Nella richiesta di archiviazione il procuratore capo di Patti, Angelo Vittorio Cavallo, elenca una serie di consulenze e intercettazioni da cui emergerebbe tutto il malessere psichico della donna. Agli atti anche gli sms disperati del marito: "Curati. Hai rovinato la nostra famiglia". "Le indagini hanno permesso di accertare in modo incontrovertibile le precarie condizioni di salute mentale di Viviana", dice il procuratore, che ricorda il trasporto di Viviana al Pronto soccorso, il 18 marzo 2020, in pieno lockdown, all'ospedale di Barcellona Pozzo di Gotto. "Il medico del Pronto soccorso intervenuto ha ricordato di aver visto Viviana sdraiata per terra, che ripeteva la frase: ''Abbiamo consegnato i nostri figli al demonio''. Circa tre mesi dopo, a fine giugno, la donna era stata nuovamente condotta presso il Pronto soccorso del Policlinico di Messina, per avere ingerito, volontariamente, come dicono i medici, dei farmaci "con chiaro intento autolesivo". Episodi "non isolati", come scrive lo stesso magistrato che ricorda come "i familiari, gli amici e i vicini di casa di Viviana Parisi hanno dichiarato come avesse dato luogo a numerosi episodi di instabilità psicologica, adottando comportamenti singolari", tra cui la lettura della Bibbia sul balcone di casa o nel sagrato della chiesa, in pieno lockdown. Secondo quanto emerge la dj soffriva di "manie di persecuzione e timori di vario genere, come quello di essere controllata da sconosciuti, anche attraverso la televisione ed il telefono cellulare, oppure ritenendo di essere pedinata da macchine di grossa cilindrata".

Gioele non è stato morso da animali selvatici da vivo

Il piccolo Gioele, trovato senza vita il 19 agosto scorso, parecchi giorni dopo il ritrovamento della madre, non è stato morso da animali selvatici mentre era ancora in vita.
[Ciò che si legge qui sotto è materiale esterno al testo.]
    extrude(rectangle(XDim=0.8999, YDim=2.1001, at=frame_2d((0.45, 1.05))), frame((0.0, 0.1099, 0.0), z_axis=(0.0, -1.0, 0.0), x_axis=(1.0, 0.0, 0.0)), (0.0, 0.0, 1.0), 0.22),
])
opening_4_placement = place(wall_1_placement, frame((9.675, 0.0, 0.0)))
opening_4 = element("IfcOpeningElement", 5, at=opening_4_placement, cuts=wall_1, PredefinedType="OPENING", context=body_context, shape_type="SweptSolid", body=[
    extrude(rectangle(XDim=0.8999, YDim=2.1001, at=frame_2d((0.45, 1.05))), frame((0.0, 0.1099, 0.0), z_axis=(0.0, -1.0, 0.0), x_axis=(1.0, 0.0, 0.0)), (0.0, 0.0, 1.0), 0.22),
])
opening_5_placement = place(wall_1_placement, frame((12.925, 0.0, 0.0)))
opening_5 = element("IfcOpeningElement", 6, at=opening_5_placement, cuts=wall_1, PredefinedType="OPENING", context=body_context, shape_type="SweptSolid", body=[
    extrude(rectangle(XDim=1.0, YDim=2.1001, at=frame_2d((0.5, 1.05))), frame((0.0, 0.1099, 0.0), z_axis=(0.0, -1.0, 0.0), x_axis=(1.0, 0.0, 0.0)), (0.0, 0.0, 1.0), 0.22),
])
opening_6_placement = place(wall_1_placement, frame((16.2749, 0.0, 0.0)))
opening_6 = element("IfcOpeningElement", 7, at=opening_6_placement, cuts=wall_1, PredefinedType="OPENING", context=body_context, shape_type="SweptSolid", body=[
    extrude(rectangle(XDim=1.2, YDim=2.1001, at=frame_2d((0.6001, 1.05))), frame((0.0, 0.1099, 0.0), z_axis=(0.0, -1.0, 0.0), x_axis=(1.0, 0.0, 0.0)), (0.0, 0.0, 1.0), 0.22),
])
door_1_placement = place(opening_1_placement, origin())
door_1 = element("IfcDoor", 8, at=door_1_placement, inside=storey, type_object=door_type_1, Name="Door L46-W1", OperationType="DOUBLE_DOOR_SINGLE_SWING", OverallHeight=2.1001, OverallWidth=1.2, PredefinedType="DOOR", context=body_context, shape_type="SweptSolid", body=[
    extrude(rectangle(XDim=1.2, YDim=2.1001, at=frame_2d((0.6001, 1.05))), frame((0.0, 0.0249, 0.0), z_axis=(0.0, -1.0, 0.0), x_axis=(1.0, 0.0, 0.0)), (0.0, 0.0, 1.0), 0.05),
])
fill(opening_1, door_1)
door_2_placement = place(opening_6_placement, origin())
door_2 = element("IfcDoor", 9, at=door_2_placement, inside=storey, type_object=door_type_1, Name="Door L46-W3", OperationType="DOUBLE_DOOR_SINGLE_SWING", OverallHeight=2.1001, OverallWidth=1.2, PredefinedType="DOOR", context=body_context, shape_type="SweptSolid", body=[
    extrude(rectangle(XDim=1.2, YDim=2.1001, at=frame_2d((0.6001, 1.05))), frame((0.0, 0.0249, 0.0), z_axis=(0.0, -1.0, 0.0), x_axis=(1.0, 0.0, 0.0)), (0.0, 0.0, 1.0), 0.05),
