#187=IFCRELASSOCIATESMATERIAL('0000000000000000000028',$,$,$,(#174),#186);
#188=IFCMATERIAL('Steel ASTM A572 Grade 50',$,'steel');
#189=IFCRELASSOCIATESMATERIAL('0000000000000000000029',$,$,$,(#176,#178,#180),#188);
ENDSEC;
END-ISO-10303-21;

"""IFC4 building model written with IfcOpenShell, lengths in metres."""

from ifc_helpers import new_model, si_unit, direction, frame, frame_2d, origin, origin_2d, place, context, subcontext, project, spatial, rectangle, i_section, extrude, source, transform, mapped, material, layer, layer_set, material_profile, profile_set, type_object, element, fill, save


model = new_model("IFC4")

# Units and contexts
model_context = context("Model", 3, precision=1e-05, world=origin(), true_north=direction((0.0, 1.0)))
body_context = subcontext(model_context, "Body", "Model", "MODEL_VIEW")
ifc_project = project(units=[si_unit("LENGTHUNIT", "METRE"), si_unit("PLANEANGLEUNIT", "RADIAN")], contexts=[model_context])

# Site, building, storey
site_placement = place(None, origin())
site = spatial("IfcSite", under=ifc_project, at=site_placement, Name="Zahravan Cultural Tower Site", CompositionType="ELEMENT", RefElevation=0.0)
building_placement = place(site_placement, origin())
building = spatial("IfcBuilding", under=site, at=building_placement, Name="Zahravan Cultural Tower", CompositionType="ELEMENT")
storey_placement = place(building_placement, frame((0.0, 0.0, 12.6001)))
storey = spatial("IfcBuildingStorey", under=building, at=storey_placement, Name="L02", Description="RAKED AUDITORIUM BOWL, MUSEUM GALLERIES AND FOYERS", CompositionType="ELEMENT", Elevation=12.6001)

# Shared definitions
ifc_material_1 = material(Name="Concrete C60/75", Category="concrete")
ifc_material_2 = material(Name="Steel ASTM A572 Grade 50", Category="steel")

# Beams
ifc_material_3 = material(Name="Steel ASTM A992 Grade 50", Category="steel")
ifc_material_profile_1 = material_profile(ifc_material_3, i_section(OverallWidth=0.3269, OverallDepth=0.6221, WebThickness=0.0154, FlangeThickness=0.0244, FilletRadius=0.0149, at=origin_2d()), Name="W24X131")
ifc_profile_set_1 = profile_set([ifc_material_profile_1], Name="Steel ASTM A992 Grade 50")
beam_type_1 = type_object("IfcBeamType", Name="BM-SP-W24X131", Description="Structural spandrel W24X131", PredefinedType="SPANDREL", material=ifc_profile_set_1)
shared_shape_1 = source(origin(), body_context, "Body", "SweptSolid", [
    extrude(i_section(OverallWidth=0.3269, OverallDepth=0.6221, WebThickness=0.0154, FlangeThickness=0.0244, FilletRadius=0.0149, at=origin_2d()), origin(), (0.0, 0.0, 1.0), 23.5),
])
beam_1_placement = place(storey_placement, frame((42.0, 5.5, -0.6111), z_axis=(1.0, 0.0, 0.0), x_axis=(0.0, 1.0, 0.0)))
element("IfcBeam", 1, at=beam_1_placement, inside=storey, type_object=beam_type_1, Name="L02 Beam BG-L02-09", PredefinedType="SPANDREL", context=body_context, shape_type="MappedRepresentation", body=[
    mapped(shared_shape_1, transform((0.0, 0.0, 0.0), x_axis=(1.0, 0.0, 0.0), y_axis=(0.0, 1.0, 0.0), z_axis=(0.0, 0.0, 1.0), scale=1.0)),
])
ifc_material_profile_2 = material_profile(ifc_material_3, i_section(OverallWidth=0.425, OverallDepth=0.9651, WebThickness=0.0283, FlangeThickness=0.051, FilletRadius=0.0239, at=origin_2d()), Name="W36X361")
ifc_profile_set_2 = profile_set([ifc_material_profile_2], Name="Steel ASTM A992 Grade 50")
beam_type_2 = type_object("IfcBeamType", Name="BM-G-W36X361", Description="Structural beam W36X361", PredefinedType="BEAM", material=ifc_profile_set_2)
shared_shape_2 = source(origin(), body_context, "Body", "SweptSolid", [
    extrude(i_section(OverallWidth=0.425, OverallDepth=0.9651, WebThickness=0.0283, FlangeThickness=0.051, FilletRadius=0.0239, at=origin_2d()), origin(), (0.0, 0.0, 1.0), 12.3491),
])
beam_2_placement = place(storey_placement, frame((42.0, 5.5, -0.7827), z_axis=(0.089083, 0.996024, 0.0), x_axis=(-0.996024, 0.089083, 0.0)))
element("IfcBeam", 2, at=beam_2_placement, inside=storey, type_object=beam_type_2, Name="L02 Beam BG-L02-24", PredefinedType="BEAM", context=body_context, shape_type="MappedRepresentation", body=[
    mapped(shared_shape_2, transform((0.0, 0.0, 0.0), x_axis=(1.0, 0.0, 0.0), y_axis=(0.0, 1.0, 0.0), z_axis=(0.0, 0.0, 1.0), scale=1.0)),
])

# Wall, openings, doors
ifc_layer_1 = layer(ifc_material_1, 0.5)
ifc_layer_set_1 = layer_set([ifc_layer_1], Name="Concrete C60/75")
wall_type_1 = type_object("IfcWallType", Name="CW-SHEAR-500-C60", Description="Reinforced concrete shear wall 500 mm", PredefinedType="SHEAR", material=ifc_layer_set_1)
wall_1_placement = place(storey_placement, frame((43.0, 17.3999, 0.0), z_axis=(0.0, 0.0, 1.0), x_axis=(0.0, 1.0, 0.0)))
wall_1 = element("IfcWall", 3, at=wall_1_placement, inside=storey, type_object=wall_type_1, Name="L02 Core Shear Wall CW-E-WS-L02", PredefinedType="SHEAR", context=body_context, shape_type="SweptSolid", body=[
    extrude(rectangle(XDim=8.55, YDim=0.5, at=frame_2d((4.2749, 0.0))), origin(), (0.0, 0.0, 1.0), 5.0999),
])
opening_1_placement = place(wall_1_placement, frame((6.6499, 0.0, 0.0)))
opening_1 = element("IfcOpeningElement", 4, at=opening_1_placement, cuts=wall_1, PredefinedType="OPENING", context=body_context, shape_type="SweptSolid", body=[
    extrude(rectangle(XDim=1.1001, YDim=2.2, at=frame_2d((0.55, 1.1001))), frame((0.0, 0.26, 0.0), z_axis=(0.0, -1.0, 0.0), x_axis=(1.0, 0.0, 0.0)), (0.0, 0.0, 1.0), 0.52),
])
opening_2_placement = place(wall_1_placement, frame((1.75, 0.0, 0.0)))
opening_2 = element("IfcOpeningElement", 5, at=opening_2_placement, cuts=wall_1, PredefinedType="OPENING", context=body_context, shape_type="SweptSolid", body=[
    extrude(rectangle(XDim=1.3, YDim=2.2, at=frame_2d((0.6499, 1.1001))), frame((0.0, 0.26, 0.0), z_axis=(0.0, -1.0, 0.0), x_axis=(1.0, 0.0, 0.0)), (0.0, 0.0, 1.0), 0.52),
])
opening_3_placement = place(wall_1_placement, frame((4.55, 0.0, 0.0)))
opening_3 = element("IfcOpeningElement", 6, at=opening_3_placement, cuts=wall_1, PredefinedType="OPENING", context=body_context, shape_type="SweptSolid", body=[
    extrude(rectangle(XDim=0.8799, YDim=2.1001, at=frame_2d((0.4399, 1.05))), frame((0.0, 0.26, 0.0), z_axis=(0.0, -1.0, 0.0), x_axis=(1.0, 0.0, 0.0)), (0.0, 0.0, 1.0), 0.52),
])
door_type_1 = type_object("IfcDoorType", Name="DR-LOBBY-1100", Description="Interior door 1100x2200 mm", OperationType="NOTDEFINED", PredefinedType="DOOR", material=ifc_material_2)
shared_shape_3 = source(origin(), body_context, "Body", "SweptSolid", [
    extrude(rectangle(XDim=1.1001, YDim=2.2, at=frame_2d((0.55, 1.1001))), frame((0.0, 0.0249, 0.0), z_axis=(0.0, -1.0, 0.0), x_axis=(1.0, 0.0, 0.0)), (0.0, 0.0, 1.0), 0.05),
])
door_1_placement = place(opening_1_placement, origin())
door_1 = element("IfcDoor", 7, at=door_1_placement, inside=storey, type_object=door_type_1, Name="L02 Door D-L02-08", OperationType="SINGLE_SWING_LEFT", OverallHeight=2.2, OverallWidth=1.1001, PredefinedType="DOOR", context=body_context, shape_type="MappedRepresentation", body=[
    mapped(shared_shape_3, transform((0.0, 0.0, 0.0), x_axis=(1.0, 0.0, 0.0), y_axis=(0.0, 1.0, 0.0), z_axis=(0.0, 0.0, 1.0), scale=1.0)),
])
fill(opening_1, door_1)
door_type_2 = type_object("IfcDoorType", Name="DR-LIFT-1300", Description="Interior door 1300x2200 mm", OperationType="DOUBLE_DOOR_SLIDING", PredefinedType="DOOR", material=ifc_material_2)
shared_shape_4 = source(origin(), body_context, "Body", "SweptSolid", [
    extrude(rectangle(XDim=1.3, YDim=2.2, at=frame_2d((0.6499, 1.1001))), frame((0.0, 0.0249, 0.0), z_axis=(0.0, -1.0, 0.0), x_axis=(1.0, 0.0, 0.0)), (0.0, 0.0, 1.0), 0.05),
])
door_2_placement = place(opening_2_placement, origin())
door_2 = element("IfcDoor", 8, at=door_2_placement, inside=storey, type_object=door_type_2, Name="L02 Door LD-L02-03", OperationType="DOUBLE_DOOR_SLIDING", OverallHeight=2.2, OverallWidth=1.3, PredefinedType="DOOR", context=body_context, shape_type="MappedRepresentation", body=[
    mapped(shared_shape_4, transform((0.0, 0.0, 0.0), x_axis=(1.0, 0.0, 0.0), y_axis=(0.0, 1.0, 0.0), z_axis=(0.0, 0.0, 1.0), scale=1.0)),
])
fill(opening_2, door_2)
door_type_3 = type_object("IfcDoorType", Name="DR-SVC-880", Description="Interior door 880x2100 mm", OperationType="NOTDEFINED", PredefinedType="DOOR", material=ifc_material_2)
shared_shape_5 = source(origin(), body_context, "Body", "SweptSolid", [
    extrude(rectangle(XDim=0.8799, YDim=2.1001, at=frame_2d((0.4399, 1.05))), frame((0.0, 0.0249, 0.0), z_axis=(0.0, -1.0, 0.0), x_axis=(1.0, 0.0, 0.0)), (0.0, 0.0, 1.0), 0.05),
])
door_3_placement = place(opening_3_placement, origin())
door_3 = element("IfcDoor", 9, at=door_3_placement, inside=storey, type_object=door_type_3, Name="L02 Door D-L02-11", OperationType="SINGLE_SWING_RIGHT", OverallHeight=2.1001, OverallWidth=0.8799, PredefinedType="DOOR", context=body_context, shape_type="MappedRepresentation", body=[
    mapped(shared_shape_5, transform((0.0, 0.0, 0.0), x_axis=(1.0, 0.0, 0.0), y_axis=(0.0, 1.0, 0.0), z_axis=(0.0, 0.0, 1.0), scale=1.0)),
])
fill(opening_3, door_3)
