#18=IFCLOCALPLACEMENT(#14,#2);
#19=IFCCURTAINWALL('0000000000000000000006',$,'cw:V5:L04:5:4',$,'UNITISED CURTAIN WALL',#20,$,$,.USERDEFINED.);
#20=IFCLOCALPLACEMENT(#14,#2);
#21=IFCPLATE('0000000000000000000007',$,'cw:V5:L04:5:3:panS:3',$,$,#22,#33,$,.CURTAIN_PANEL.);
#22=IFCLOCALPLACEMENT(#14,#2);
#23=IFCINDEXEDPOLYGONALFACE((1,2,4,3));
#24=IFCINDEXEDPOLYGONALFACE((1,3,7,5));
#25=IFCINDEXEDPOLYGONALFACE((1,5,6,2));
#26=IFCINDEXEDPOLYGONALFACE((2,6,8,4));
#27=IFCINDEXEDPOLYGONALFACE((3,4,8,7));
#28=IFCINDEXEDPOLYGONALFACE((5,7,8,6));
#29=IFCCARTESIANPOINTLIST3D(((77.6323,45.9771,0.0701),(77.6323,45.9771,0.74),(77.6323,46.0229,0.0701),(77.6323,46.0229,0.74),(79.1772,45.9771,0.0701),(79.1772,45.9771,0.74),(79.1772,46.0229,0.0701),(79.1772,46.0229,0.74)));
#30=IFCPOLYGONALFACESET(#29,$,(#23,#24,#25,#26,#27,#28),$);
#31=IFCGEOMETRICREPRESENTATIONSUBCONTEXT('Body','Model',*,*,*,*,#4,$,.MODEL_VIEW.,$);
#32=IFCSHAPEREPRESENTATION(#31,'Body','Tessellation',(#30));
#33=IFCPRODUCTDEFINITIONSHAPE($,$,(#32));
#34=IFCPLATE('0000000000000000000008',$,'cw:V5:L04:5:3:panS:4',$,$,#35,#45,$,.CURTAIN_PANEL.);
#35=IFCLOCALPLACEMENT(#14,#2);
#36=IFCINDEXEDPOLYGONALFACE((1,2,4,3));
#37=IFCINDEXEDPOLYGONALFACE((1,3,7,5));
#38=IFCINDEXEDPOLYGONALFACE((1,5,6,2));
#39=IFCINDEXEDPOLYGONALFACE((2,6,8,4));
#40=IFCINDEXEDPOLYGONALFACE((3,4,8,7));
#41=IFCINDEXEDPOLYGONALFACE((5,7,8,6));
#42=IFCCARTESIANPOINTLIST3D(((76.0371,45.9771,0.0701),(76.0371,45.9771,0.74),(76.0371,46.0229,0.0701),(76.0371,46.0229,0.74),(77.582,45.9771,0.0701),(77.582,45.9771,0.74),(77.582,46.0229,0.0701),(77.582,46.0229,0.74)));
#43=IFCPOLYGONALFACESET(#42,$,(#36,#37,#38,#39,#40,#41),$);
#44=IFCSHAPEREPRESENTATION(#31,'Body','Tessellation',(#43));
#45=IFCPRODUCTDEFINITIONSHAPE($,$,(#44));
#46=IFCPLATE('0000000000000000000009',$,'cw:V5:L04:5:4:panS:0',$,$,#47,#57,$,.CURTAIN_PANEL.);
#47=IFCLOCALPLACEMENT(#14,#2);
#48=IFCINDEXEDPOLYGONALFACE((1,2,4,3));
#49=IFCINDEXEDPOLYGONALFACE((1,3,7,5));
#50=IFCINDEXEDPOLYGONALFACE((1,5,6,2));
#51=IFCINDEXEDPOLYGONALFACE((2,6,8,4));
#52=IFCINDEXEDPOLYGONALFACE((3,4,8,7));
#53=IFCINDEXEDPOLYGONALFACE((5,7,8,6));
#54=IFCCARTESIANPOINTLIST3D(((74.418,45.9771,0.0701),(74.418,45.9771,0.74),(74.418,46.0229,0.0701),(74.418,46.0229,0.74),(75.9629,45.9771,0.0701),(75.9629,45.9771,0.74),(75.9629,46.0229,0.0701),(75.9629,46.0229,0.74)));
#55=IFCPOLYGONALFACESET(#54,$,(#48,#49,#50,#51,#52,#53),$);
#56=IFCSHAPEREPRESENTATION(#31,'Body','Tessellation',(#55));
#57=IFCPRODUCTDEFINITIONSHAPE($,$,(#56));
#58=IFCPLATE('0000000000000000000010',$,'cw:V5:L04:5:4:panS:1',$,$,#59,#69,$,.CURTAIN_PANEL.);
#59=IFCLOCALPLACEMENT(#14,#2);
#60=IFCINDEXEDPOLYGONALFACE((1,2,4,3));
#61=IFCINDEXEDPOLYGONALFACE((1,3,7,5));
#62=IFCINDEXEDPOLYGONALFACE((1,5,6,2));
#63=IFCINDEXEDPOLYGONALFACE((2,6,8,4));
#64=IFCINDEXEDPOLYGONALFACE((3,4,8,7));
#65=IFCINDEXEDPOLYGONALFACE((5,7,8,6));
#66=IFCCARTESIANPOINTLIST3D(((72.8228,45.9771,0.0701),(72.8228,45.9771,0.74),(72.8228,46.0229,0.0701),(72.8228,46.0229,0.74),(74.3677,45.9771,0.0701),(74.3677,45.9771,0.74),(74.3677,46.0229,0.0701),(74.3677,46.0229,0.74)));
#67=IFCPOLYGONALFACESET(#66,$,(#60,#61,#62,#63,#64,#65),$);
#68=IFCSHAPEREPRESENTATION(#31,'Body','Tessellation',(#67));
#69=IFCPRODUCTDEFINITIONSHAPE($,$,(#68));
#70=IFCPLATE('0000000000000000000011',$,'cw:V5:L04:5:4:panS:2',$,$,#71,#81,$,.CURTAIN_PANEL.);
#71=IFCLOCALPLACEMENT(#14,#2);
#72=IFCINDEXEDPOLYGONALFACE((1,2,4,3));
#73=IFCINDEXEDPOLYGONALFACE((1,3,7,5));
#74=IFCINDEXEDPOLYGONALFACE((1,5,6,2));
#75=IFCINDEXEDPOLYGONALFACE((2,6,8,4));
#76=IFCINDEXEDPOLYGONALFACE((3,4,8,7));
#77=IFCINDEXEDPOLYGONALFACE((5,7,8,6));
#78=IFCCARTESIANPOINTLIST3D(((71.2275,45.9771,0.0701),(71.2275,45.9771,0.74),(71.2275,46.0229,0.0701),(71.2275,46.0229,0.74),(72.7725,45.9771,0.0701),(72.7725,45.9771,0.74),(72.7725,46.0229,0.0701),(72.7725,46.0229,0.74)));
E' quanto emerso dalle consulenze tecniche della Procura, depositate nella richiesta di archiviazione. "Gli accertamenti sui reperti biologici di origine animale e di tipo veterinario-forense hanno permesso di rilevare, in primo luogo, come Gioele non abbia subito, mentre era ancora in vita, alcuna aggressione da parte di animale - spiega il procuratore di Patti -. E' stato invece accertato come la specie animale ''Vulpes vulpes'' abbia svolto un ruolo di necrofago, abbia cioè consumato il corpo di Gioele, ma soltanto dopo la sua morte. Gli accertamenti di genetica umana e di carattere veterinario hanno consentito di rilevare come gli indumenti indossati al momento dei fatti non recassero tracce di sangue".  Per i consulenti della Procura ciò conferma che il bimbo non può essere stato oggetto di un'aggressione in vita da parte di cani o altri animali selvatici, altrimenti sugli indumenti indossati sarebbero state trovate imponenti perdite di sangue.